Gradient Alloyed Quantum Dots for Photocatalytic Lignin Valorization via Proton Coupled Electron Transfer

Abstract

In the field of photocatalytic lignin valorization, simultaneously fulfilling the requirements of broad light harvesting and strong redox ability has been a key challenge for single binary quantum dot (QD) photocatalyst systems. In order to address the problem, gradient alloyed QDs with funnel-shaped energy structures have been developed. The gradient energy level increases the photon absorption range, while the periphery energy bands at the funnel edge are sufficiently wide to preserve effective redox capacity.
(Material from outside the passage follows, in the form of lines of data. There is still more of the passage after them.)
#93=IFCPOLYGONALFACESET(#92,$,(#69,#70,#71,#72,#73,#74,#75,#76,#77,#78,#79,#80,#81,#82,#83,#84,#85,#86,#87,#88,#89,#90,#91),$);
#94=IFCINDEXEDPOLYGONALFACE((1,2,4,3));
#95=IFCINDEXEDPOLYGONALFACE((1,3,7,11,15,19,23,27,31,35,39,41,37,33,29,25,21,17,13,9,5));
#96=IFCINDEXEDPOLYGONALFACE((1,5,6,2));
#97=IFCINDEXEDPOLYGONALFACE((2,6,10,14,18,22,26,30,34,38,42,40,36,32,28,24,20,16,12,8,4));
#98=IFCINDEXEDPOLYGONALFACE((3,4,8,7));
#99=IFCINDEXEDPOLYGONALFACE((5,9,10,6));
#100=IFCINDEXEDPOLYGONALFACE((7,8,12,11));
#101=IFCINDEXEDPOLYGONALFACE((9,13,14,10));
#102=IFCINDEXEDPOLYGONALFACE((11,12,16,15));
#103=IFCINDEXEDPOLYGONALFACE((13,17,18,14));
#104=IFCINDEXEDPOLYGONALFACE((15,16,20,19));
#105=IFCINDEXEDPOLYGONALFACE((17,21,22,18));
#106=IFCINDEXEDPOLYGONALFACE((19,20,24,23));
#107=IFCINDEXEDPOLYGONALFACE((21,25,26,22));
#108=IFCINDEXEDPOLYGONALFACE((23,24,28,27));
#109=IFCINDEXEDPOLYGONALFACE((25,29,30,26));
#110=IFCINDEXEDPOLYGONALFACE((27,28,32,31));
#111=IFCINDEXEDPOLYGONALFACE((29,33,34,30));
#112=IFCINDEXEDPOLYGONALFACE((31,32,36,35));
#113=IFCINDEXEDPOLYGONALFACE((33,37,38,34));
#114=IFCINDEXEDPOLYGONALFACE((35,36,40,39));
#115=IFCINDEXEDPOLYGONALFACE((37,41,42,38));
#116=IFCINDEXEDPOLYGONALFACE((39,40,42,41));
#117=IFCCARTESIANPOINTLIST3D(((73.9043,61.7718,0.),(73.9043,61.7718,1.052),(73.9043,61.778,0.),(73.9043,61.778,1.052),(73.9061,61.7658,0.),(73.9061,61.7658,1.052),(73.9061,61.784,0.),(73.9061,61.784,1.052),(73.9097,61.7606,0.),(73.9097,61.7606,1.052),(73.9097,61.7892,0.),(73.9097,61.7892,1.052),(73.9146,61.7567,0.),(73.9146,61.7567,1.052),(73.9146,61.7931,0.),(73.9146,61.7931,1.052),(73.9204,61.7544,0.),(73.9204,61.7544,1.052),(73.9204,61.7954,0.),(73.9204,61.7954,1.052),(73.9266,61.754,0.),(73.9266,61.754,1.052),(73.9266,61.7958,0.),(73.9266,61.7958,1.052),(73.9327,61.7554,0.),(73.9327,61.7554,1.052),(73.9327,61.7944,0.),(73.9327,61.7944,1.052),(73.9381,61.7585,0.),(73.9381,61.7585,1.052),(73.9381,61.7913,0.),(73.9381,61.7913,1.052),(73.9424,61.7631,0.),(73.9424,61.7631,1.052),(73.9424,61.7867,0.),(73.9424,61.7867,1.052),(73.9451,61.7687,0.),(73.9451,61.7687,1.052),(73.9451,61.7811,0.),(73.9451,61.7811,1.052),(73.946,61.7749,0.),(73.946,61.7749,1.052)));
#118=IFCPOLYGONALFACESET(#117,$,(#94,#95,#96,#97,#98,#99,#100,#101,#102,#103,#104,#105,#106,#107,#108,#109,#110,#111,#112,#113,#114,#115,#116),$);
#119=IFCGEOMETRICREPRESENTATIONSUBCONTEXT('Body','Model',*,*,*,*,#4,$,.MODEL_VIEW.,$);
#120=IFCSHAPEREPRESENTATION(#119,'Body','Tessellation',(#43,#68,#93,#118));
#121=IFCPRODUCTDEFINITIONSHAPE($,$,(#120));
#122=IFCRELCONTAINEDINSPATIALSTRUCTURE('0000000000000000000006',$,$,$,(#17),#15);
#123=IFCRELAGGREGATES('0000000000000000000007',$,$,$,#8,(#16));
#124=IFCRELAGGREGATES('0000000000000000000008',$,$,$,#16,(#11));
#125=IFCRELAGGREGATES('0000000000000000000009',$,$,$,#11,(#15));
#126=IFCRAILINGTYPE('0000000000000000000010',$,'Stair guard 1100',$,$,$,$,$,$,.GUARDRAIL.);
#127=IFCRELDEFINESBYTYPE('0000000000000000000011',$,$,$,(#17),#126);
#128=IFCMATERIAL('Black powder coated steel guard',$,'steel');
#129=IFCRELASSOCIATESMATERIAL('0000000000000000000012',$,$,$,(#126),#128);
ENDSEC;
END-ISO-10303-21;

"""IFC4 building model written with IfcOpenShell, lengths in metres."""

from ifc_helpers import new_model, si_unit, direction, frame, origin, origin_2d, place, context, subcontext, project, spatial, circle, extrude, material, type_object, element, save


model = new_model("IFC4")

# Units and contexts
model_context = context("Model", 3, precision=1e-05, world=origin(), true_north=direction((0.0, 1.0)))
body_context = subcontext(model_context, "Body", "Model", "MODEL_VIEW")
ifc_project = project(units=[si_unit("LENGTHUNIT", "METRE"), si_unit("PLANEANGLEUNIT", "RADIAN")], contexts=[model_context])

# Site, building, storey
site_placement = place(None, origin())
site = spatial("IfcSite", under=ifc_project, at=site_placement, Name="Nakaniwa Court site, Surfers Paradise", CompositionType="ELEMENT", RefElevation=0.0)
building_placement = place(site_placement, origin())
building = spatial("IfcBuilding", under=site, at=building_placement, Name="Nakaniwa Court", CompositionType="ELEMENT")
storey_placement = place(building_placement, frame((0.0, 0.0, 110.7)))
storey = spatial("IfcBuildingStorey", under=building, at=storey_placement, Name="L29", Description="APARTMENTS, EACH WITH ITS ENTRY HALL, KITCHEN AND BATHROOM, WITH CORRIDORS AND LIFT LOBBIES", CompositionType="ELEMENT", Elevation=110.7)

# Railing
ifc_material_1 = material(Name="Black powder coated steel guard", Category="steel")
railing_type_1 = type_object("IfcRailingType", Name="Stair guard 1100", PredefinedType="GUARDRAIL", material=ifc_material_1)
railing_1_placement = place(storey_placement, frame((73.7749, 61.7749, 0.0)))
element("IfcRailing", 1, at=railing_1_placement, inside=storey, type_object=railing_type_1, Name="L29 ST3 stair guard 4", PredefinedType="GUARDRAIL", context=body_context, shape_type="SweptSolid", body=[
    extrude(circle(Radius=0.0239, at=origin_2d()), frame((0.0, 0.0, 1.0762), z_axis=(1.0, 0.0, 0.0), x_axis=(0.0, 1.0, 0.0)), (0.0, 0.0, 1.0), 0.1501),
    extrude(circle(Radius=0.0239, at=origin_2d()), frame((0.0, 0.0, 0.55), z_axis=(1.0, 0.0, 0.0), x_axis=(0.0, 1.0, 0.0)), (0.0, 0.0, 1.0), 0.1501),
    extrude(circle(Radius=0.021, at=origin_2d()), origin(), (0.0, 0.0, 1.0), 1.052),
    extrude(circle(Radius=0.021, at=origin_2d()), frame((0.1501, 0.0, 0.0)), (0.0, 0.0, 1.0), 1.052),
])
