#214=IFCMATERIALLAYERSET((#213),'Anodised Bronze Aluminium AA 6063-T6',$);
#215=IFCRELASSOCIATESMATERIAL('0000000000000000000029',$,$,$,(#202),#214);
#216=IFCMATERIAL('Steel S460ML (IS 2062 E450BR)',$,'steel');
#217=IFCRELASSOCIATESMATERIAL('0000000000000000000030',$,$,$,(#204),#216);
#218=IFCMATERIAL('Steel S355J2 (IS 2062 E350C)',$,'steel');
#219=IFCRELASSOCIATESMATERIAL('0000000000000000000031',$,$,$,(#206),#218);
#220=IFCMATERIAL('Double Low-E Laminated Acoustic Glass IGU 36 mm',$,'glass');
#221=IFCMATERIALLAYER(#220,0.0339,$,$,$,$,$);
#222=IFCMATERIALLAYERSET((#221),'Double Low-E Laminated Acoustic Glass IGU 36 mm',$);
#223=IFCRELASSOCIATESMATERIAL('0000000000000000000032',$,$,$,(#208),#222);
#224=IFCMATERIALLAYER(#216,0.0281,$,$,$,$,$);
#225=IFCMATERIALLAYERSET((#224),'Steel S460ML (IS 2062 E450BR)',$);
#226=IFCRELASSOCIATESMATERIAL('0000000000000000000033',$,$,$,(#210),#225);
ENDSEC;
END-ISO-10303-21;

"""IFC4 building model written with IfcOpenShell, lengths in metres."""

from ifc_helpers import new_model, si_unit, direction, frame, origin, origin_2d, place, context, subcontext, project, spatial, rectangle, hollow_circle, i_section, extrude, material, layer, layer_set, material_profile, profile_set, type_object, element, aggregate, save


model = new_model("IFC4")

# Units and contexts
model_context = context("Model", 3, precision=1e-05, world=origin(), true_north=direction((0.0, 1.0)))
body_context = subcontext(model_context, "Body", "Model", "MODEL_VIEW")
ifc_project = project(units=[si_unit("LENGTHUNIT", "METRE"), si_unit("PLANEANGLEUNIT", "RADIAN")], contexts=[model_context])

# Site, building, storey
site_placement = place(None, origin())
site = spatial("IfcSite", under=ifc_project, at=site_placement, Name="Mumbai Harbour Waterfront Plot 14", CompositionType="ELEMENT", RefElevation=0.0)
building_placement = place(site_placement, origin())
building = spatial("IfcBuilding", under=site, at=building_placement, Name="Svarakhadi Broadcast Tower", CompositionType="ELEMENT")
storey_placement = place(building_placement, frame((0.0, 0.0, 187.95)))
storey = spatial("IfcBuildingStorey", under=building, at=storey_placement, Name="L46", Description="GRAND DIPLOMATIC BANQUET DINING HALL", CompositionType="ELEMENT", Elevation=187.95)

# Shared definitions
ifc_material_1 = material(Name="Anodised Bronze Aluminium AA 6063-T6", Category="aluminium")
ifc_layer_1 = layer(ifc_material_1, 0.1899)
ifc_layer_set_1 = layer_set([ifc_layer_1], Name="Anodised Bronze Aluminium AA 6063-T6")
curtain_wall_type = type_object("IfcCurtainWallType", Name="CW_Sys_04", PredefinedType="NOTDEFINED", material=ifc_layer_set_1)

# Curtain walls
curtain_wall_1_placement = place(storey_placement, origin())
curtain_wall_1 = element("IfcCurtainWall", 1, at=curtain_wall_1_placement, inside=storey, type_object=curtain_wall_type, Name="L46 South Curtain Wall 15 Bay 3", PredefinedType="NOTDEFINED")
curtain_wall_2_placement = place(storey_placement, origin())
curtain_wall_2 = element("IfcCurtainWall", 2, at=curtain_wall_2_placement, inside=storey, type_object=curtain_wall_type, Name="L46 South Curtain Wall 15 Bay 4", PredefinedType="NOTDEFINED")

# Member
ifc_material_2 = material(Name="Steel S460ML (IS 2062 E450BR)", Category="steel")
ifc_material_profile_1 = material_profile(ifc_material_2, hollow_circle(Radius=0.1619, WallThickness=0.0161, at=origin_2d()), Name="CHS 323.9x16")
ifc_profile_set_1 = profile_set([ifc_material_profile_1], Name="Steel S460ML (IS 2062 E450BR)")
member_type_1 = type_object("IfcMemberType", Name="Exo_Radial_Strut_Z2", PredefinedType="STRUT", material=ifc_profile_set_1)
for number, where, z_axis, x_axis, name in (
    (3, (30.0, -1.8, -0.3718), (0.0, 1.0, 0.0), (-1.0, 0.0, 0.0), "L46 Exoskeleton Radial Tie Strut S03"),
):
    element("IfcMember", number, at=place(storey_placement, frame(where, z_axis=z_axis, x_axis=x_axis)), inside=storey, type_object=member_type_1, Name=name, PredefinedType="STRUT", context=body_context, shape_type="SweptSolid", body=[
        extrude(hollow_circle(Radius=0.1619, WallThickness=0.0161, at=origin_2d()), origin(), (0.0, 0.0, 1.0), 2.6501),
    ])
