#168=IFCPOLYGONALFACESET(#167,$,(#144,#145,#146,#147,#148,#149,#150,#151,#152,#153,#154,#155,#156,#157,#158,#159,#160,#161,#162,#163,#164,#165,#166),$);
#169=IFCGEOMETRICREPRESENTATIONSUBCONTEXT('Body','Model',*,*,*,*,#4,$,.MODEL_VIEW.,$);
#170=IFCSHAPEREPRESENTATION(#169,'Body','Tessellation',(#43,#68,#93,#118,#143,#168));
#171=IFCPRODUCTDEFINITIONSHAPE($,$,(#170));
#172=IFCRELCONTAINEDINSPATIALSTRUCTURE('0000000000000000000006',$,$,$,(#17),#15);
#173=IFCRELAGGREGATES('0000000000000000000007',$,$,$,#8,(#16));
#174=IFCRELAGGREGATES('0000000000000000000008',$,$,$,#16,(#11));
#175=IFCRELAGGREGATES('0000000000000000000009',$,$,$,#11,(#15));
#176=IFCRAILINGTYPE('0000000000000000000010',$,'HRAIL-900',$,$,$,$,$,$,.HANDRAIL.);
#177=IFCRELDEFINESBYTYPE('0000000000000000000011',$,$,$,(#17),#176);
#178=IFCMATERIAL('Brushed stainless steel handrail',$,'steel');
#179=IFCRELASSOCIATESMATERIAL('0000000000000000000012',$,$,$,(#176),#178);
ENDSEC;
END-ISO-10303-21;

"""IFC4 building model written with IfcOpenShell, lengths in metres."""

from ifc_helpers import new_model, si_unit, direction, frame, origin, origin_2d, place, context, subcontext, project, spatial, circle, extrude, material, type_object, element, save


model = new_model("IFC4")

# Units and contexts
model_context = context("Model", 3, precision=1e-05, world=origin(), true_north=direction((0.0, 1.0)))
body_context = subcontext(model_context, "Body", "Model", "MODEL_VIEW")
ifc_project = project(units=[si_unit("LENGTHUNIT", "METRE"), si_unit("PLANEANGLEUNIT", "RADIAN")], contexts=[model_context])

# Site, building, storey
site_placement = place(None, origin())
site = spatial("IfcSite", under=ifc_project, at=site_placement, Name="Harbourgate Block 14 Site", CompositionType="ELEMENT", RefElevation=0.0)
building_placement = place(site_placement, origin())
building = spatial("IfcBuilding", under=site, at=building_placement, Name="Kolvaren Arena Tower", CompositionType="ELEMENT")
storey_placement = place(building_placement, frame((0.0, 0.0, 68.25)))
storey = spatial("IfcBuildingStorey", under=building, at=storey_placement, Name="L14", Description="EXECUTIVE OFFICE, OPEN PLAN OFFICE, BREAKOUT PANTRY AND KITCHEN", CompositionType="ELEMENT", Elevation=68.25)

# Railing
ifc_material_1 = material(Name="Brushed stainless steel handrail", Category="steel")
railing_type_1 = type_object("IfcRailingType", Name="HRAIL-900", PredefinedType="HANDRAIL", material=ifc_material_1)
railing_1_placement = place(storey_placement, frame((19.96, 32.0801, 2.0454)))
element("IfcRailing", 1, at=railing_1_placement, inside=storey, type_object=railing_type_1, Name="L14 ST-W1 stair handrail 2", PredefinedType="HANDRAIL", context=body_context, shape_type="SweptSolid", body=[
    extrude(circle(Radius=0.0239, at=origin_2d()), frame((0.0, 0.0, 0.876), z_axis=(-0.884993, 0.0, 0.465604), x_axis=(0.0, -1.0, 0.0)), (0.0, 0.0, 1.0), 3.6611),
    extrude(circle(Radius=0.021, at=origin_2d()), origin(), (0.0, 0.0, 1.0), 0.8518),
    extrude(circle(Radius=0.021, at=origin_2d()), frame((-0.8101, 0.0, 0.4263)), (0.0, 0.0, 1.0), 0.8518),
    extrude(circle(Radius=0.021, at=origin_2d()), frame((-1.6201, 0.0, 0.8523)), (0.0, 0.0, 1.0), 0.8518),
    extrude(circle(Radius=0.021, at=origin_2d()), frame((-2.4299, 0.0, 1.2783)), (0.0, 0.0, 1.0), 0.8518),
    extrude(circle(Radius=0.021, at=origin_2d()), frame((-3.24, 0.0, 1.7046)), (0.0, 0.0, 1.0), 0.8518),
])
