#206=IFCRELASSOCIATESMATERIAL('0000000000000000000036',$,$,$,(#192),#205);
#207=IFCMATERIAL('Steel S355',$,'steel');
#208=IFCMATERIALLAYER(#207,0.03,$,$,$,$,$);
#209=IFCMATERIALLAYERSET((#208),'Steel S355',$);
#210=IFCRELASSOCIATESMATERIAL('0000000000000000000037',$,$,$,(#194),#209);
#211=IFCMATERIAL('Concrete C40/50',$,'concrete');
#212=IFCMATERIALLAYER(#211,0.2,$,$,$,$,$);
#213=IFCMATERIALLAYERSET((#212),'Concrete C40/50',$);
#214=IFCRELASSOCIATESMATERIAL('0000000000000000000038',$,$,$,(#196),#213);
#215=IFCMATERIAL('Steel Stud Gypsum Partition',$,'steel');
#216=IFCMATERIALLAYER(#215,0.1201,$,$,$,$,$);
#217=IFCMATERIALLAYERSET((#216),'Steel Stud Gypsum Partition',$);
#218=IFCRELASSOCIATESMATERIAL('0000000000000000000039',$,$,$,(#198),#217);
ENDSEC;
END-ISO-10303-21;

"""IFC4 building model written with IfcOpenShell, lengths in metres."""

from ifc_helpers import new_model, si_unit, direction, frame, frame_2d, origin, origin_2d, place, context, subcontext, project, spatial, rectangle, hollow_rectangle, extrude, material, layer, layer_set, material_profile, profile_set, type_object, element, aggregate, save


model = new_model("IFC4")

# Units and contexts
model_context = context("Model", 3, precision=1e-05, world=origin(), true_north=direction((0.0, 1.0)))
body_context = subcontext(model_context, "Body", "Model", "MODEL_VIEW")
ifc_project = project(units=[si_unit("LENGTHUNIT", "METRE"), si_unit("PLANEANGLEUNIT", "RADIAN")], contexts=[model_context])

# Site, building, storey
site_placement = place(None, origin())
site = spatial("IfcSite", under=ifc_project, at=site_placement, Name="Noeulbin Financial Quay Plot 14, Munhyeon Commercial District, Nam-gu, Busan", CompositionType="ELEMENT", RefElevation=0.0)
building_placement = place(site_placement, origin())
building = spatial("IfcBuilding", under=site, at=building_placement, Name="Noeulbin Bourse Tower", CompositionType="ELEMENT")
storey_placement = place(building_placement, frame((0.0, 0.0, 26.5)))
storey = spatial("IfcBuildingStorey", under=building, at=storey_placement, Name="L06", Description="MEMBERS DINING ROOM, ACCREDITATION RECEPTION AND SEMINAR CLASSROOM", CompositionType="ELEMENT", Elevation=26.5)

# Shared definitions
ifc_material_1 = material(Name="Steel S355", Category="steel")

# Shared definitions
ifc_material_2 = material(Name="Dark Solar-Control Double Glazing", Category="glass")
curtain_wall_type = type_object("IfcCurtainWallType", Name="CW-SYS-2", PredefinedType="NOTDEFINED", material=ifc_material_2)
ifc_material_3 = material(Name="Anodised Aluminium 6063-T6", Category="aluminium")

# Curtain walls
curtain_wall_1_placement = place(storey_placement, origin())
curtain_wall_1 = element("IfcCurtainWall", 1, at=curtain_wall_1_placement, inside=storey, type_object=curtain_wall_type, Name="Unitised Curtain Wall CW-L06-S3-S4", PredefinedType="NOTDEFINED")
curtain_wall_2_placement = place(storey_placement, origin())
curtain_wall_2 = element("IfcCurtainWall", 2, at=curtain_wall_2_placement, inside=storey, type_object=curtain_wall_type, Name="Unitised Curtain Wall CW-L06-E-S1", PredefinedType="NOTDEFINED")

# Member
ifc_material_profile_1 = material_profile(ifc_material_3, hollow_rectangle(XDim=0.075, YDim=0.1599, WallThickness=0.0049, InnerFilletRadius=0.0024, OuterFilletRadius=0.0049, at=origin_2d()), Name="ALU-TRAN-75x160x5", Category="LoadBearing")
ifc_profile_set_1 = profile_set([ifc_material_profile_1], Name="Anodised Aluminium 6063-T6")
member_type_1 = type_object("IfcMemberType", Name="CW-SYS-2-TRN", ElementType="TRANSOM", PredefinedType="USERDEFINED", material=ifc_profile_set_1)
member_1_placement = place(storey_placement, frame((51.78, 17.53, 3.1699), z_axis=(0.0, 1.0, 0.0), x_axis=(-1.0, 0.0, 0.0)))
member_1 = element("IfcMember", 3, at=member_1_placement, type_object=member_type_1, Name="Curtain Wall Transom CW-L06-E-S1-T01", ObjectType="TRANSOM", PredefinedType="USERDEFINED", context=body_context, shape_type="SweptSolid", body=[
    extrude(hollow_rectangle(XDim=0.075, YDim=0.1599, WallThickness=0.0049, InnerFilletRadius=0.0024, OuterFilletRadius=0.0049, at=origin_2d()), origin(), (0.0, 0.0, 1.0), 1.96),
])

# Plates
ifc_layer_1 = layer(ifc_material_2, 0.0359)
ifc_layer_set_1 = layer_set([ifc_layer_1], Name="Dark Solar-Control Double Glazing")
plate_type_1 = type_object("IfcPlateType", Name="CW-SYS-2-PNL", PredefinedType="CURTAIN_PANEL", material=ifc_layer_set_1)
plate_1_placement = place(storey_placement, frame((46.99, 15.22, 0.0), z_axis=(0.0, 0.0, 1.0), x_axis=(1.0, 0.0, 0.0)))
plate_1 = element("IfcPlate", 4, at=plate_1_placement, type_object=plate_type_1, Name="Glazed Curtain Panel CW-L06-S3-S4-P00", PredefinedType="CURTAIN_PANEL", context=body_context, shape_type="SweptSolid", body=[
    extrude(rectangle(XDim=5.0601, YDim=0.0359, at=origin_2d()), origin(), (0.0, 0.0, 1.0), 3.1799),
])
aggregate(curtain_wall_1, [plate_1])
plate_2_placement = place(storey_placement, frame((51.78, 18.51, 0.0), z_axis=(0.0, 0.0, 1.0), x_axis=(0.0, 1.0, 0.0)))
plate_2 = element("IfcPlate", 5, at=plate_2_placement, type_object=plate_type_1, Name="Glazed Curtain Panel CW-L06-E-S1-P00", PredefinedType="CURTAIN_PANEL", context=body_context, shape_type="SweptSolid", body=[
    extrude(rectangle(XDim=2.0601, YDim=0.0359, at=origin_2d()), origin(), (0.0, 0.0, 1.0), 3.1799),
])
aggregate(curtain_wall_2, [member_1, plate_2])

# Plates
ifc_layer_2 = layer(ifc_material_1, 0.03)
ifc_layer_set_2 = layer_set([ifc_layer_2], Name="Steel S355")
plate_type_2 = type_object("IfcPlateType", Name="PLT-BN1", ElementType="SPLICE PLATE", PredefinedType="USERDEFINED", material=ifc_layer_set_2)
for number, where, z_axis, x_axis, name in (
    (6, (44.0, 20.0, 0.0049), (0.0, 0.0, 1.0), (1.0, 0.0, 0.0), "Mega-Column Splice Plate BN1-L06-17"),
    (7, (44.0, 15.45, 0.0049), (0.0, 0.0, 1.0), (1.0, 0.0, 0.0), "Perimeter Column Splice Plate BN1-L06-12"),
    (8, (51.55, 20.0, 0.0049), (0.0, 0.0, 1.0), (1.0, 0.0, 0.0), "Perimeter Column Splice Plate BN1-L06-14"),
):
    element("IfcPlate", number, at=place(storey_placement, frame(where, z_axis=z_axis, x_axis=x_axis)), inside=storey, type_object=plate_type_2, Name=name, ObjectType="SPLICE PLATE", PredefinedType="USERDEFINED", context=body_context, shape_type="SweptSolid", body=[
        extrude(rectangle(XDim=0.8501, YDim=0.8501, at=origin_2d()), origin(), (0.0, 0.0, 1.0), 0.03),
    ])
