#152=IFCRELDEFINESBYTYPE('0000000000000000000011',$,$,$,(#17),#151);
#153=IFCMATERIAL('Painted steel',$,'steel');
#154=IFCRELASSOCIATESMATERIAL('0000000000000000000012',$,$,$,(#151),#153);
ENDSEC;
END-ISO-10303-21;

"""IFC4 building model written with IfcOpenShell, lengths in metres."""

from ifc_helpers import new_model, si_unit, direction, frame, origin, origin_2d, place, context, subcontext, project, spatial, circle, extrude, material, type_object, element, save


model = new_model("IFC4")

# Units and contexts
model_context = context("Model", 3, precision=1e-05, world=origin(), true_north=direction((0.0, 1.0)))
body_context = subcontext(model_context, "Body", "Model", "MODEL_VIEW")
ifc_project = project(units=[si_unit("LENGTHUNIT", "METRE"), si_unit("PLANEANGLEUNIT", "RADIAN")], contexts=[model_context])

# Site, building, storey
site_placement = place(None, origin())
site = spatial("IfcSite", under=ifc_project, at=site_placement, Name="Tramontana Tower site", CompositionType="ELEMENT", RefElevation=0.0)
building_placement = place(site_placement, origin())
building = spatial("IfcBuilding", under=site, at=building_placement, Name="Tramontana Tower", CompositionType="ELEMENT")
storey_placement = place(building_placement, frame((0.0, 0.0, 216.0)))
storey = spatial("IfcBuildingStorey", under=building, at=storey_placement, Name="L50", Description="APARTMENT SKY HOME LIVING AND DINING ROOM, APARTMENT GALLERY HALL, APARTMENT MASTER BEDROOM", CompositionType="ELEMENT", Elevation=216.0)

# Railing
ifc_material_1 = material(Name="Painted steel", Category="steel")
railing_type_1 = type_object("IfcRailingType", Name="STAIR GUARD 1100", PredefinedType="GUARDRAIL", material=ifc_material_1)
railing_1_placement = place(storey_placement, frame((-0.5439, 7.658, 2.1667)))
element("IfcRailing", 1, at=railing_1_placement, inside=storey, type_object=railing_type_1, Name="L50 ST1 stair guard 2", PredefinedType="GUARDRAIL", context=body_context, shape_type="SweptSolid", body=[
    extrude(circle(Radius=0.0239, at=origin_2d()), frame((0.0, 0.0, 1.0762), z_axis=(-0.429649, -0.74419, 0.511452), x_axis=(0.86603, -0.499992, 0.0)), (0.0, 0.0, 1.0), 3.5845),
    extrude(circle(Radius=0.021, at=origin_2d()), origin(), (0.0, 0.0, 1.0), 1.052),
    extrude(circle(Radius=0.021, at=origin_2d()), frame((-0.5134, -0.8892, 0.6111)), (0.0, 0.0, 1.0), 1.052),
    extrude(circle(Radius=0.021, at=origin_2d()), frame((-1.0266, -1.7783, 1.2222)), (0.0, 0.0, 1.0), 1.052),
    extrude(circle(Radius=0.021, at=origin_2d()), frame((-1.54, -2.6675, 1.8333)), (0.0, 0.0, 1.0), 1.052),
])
In this work, the gradient alloyed QD photocatalyst along with proton donors have been employed in enhancing the efficiency and selectivity of β-O-4 bond cleavage in lignin, realizing yields of target aromatic products phenol and acetophenone to increase up to 70% and 65%, respectively. The mechanism of conversion from the ketone intermediate to target products and how to choose suitable proton donors have been systematically investigated. We propose a proton-coupled electron transfer (PCET) photocatalytic strategy through producing a Cα radical from ketone with the help of acid possessing appropriate bond dissociation free energy (BDFE) and strong electronic transmission facilitating ability. The knowledge acquired in this work is useful for designing photocatalysts and proton donors that can effectively cleave bonds in lignin via the PCET mechanism.